# Trading strategies involving options and futures

Like a straddle , the options expire at the same time, but unlike a straddle, the options have different strike prices. A strangle can be less expensive than a straddle if the strike prices are out-of-the-money. The owner of a long strangle makes a profit if the underlying price moves far enough away from the current price, either above or below.

Thus, an investor may take a long strangle position if he thinks the underlying security is highly volatile , but does not know which direction it is going to move.

This position is a limited risk, since the most a purchaser may lose is the cost of both options. At the same time, there is unlimited profit potential. We can see that after days, the strategy will be profitable only if the stock price is lower than approximately 80 dollars or higher than dollars.

These are the break-even points of the strategy. This is because options are losing value with time; this is known as time decay. The short strangle strategy requires the investor to simultaneously sell both a [call] and a [put] option on the same underlying security. The strike price for the call and put contracts must be, respectively, above and below the current price of the underlying.
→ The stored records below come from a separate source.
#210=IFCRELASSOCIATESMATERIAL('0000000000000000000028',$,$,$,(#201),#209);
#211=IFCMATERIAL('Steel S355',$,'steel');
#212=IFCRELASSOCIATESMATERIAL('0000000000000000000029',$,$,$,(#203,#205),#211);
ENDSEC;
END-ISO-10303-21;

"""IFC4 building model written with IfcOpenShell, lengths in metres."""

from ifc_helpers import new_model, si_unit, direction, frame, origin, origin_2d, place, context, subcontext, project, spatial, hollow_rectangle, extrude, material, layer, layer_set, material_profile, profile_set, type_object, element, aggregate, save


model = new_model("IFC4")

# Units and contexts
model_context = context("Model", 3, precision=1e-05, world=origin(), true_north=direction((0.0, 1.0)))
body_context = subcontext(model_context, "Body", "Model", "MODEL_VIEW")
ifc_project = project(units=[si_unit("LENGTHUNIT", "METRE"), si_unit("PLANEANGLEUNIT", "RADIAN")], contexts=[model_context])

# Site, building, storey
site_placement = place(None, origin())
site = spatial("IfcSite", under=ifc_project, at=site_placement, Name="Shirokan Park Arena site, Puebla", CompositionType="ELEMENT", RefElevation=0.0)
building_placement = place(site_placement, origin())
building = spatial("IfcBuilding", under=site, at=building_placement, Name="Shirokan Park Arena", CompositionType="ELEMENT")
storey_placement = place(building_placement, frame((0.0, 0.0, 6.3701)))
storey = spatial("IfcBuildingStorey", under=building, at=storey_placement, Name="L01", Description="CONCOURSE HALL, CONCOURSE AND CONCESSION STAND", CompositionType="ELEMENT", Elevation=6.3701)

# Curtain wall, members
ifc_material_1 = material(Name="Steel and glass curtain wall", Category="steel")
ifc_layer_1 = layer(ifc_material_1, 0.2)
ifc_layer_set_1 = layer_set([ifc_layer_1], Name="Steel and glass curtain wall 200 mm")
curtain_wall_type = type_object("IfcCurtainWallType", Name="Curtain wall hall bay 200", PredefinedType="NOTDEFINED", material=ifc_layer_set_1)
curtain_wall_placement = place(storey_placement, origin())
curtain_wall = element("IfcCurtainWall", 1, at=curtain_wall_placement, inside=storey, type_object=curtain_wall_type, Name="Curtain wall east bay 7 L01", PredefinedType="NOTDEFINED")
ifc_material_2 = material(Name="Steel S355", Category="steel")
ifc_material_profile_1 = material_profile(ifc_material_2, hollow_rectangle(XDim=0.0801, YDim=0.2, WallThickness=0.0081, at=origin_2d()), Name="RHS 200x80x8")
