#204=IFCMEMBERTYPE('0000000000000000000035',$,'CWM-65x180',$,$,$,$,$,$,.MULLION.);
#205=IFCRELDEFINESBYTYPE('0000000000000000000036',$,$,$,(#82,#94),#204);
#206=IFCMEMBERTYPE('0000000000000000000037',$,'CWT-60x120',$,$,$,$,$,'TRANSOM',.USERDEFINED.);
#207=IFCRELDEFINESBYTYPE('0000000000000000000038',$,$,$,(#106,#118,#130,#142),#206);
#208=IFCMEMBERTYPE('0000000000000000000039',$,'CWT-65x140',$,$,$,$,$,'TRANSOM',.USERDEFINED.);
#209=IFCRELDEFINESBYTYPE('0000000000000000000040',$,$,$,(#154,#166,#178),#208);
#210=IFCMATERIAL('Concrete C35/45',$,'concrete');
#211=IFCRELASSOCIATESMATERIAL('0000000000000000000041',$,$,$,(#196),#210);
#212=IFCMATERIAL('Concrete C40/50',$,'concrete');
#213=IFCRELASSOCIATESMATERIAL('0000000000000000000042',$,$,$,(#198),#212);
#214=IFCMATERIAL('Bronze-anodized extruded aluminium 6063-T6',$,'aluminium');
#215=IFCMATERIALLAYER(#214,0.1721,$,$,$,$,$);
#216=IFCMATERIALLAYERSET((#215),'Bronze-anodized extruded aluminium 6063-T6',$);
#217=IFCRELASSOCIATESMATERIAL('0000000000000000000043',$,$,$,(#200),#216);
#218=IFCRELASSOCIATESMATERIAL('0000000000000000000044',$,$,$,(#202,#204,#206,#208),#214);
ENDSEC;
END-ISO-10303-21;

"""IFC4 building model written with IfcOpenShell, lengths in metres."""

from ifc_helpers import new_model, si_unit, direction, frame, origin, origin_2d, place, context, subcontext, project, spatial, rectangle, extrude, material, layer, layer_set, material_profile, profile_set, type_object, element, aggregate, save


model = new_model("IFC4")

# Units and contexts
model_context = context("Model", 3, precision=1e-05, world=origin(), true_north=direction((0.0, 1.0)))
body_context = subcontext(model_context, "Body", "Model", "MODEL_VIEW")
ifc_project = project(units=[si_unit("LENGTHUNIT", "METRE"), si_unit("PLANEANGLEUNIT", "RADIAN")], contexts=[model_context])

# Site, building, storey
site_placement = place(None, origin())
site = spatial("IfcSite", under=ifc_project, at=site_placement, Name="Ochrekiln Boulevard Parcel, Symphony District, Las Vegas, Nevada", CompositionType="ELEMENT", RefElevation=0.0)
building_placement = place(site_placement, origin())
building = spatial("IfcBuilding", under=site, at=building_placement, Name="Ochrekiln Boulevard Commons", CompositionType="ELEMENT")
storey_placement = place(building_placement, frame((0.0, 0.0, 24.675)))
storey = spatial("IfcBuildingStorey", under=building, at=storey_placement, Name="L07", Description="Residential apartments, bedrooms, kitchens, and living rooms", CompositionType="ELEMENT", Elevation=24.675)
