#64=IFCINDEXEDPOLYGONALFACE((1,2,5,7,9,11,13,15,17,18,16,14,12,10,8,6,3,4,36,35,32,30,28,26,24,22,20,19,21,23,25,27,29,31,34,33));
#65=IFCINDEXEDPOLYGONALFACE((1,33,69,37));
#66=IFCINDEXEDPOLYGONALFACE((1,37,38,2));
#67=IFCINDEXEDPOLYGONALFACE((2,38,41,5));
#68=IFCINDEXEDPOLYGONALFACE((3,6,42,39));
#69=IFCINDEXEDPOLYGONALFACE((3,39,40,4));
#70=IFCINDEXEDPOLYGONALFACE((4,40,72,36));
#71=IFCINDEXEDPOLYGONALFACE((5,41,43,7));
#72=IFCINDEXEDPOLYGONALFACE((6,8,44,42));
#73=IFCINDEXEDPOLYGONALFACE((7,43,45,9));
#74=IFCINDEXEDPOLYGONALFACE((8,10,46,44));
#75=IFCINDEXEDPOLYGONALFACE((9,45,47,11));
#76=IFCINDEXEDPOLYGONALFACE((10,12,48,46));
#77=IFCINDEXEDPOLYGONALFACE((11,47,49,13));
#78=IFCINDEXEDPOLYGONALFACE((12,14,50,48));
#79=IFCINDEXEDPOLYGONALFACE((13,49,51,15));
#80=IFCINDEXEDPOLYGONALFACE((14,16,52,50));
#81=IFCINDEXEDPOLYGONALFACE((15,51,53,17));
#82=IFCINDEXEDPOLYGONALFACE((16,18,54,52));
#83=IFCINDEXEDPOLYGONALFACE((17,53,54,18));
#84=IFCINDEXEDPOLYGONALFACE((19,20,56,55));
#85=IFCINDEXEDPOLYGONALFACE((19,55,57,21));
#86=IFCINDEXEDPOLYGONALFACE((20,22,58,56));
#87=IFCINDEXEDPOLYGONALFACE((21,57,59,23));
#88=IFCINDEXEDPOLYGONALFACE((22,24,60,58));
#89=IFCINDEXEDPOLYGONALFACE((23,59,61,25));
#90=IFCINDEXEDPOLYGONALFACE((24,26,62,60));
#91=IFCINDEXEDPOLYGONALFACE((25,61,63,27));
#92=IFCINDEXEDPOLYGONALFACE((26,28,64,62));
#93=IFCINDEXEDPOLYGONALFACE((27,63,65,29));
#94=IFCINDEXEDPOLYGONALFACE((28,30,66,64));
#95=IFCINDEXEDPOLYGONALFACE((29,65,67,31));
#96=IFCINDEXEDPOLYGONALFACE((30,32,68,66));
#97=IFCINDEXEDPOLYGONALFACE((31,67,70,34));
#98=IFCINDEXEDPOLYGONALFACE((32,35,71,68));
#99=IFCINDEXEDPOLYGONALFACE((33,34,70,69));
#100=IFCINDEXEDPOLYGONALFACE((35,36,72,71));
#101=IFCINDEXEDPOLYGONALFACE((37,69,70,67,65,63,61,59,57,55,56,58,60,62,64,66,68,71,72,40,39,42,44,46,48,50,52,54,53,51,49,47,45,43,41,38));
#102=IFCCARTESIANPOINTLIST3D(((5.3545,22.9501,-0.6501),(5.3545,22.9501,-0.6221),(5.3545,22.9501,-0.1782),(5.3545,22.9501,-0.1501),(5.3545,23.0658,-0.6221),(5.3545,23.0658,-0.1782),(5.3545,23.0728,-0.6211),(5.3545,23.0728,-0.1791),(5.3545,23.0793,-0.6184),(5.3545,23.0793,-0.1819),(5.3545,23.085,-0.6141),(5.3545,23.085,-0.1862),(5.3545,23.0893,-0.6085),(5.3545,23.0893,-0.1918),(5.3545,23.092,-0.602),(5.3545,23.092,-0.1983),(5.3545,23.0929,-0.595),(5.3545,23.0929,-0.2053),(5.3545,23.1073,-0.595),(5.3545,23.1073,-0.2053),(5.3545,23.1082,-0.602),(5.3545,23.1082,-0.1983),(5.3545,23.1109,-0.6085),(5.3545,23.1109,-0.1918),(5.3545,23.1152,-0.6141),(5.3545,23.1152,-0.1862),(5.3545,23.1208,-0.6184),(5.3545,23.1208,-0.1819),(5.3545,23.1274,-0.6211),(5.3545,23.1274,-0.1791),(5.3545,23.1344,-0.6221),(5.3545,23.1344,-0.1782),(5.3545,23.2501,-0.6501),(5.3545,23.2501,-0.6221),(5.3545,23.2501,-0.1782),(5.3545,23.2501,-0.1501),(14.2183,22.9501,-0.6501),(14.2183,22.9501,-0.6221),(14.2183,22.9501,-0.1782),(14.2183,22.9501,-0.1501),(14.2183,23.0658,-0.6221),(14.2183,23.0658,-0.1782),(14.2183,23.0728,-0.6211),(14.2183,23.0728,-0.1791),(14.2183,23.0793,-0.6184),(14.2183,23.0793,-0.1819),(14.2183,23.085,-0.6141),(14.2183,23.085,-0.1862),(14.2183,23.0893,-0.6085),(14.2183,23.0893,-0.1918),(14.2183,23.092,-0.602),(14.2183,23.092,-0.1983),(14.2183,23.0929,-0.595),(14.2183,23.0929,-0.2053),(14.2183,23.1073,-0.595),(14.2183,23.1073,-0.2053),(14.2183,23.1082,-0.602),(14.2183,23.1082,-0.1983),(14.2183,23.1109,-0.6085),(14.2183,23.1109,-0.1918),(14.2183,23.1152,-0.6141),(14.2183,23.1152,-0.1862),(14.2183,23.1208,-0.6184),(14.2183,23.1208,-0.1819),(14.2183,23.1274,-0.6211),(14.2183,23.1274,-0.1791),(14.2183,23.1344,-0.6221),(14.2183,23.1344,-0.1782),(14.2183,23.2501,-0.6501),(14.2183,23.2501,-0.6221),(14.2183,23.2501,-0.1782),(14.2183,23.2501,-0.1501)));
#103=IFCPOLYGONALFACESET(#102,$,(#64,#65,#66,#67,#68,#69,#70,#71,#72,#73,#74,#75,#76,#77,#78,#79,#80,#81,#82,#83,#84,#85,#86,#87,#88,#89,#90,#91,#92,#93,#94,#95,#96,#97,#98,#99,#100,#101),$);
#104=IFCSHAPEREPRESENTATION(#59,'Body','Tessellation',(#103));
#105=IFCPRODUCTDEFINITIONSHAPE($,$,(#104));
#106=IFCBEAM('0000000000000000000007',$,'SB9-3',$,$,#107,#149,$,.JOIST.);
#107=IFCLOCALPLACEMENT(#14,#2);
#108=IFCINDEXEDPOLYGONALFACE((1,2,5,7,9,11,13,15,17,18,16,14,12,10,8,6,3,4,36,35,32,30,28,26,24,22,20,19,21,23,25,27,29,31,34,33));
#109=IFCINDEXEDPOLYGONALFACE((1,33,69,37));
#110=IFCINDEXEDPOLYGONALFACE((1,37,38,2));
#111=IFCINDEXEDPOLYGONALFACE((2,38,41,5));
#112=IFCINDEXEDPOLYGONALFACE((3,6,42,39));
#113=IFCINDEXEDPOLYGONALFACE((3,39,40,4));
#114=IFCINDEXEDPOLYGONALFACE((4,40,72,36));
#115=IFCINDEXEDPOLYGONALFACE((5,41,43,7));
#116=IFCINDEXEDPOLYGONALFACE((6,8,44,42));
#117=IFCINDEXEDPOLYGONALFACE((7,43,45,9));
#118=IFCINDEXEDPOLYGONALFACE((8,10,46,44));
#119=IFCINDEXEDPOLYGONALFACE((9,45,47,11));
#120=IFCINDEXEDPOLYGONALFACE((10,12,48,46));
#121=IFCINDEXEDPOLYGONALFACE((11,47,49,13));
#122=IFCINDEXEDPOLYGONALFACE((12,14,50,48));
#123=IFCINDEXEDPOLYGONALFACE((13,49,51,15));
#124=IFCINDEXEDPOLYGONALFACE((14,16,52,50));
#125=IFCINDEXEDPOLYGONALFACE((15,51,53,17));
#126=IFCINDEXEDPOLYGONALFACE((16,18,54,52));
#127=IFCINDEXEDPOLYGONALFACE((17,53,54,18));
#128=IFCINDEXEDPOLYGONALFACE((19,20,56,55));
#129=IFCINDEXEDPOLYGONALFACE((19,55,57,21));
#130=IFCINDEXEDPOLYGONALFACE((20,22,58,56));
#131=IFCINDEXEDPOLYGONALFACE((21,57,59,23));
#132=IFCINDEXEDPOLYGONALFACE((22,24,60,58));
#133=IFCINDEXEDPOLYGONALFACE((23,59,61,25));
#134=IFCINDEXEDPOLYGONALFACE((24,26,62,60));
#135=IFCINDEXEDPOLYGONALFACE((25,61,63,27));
The assumption of the investor the person selling the option is that, for the duration of the contract, the price of the underlying will remain below the call and above the put strike price. If the investor's assumption is correct the party purchasing the option has no advantage in exercising the contracts so they expire worthless.

This expiration condition frees the investor from any contractual obligations and the money the premium he or she received at the time of the sale becomes profit. Importantly, if the investors assumptions are incorrect the strangle strategy leads to modest or unlimited loss. Strategies involving a single option and a stock l There are multiple trading strategies involving a single option on a stock and the stock itself.

Trading Strategies Involving Options Author: Chapter 11 Created Date. Start studying Chapter Learn vocabulary, terms, and more with flashcards, games, and other study tools. Trading strategies involving a single option on a stock and the stock itself: A strategy involving two or more instruments. Trading strategies involving options International trade and foreign exchange. How to Use Basic Options Strategies If you are trading without a strategy or a tactic to help you with binary options, you might as well consider yourself a gambler.